Let’s go through a hypothetical example of how this might work. Let’s say you are 65 years old and you put $100,000 into one of these products. At a growth rate of 7.2% your money doubles over the course of 10 years. This is what would occur with your ‘funny money’ bucket. Your actual account value, again, will fluctuate usually with the prices of stocks and/or bonds. Let’s just assume, though, that it doesn’t gain or lose anything over those 10 years. So now you have an account value that is $100,000 (this is what you can actually cash out) and a ‘funny money’ value of $200,000. Let’s say that in this case the annuity guarantees an income stream of 5% of whatever the ‘funny money’ value is (I’ve seen these range from 4%-7% in most cases, usually depending on age). So, 5% of $200,000 is $10,000. This is the guaranteed annual income amount that you will receive. As long as you never take out more than this amount each year you will continue to receive it even if it causes your account to run out of money. The issue is, though, that if you signed up at 65, waiting for the ‘funny money’ bucket to double over 10 years with its ‘guaranteed 7.2% growth’ puts you at 75 before you start your $10,000 guaranteed income stream. At $10,000 a year it is going to take you 10 more years just to get back your original $100,000 investment assuming your actual account value never grows at all! So, just to get your own original money back it takes 20 total years and you are now 85 years old. If you have any account growth at all it would take even longer. When explained this way that ‘7.2% guarantee’ doesn’t sound so attractive now does it?
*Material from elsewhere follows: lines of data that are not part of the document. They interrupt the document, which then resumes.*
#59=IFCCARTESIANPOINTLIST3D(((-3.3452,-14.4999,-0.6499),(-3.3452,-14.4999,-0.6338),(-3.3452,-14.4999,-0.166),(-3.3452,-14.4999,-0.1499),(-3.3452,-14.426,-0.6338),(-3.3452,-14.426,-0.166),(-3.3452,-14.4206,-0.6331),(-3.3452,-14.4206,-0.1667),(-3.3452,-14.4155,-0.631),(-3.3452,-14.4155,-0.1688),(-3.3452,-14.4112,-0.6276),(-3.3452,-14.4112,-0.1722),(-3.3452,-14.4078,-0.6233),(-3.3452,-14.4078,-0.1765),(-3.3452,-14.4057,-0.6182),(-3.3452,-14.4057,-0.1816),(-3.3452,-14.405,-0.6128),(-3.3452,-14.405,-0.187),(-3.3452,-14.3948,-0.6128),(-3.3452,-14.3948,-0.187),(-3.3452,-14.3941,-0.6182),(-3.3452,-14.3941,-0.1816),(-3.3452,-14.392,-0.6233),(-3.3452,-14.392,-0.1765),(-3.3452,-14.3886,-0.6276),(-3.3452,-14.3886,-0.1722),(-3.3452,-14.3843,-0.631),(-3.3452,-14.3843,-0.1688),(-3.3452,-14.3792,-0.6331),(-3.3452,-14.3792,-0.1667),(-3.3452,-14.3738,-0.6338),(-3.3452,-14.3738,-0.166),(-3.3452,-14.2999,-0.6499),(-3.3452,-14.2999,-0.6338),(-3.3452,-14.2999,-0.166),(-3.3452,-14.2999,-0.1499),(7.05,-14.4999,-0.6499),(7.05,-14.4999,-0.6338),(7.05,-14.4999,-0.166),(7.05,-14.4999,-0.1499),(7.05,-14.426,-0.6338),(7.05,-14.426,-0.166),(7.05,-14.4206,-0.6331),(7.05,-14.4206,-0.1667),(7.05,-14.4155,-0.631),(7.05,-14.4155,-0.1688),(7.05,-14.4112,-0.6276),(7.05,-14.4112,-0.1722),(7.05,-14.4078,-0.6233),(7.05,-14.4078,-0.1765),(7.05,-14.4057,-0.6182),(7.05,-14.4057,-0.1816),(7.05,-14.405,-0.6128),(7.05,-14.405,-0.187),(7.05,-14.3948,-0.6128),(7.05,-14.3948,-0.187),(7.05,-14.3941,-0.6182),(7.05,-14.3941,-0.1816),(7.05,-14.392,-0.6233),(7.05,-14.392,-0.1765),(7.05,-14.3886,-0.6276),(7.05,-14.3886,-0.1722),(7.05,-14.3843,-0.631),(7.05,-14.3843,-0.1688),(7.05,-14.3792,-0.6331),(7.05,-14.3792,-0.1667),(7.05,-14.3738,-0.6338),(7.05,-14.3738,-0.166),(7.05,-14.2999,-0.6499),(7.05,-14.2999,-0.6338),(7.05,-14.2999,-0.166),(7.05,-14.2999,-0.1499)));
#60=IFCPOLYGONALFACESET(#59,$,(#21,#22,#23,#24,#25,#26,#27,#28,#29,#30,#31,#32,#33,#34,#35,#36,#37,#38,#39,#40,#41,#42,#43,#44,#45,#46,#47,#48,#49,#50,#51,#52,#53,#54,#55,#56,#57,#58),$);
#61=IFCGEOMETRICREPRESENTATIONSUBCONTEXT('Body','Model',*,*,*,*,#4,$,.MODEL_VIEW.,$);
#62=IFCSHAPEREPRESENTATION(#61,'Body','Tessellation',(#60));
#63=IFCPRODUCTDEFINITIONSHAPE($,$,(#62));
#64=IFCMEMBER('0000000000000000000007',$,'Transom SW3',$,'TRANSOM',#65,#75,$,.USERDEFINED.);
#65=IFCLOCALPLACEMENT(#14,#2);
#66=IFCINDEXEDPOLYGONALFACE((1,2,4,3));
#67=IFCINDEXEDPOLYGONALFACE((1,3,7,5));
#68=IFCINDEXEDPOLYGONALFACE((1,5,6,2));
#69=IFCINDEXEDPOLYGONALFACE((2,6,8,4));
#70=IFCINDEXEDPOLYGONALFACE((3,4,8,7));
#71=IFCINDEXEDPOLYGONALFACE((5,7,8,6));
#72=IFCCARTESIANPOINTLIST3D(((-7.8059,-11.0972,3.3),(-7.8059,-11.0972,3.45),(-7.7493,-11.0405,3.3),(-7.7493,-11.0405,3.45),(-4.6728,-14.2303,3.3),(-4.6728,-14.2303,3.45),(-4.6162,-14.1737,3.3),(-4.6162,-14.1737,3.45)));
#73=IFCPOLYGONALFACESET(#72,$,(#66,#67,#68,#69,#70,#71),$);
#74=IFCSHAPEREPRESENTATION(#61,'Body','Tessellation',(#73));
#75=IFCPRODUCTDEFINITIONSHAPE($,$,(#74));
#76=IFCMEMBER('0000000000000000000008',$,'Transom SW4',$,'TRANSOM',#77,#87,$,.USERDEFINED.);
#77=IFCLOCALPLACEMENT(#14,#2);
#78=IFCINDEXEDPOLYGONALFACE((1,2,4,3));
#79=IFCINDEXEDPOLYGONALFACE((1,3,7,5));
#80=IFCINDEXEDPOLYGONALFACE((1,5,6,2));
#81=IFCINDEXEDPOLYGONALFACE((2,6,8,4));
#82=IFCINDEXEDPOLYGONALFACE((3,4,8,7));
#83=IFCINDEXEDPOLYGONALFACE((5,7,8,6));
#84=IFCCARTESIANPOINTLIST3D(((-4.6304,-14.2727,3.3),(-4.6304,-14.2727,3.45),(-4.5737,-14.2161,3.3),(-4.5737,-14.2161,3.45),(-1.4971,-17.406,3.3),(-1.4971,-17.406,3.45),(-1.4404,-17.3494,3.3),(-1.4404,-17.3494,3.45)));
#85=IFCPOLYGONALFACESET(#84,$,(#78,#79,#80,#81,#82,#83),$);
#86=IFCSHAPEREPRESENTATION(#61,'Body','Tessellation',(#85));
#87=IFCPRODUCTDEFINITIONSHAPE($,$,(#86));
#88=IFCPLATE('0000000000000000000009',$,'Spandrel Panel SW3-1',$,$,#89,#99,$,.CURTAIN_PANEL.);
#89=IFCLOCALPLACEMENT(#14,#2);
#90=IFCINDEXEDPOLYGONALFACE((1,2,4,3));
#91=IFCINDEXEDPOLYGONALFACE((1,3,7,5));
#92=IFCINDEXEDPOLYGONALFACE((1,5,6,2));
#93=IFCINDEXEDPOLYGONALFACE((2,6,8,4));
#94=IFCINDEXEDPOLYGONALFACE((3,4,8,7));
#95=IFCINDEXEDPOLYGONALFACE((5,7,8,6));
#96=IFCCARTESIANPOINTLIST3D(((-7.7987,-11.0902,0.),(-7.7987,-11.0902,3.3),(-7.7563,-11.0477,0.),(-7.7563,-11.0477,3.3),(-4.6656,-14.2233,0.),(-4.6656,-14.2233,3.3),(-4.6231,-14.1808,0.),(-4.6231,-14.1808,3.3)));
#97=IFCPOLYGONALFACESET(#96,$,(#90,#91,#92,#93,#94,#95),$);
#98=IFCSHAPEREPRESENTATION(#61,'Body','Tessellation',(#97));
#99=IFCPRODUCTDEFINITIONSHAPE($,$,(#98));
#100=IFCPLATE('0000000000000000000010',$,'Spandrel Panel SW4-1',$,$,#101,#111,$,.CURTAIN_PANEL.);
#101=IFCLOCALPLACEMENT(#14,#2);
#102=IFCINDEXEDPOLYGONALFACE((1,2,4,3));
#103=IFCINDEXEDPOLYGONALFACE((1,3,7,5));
This kind of income rider or benefit (sometimes called a Guaranteed Lifetime Withdrawal Benefits, or GLWB) is often times an additional optional feature that comes with extra cost on a fixed indexed or variable annuity above and beyond standard annuitization. Typically with annuitization you are required to give up your entire account value in exchange for guaranteed income payments.

Annuities can be very complex and hard to understand investments. Because of this you should be sure you fully understand exactly how the one you are considering works and all of the costs and fees associated with it. I’ve seen ‘7% guaranteed’ annuities that have annual fees totaling over 5% per year! It is very difficult to get ahead with these levels of fees. Many annuities are also very long term and sometimes lifetime commitments. Knowing exactly what you are getting as a guarantee and the fee you are paying to get that guarantee should be carefully considered.

Sometimes how something is presented when it is sold and how it actually works can be two very different things.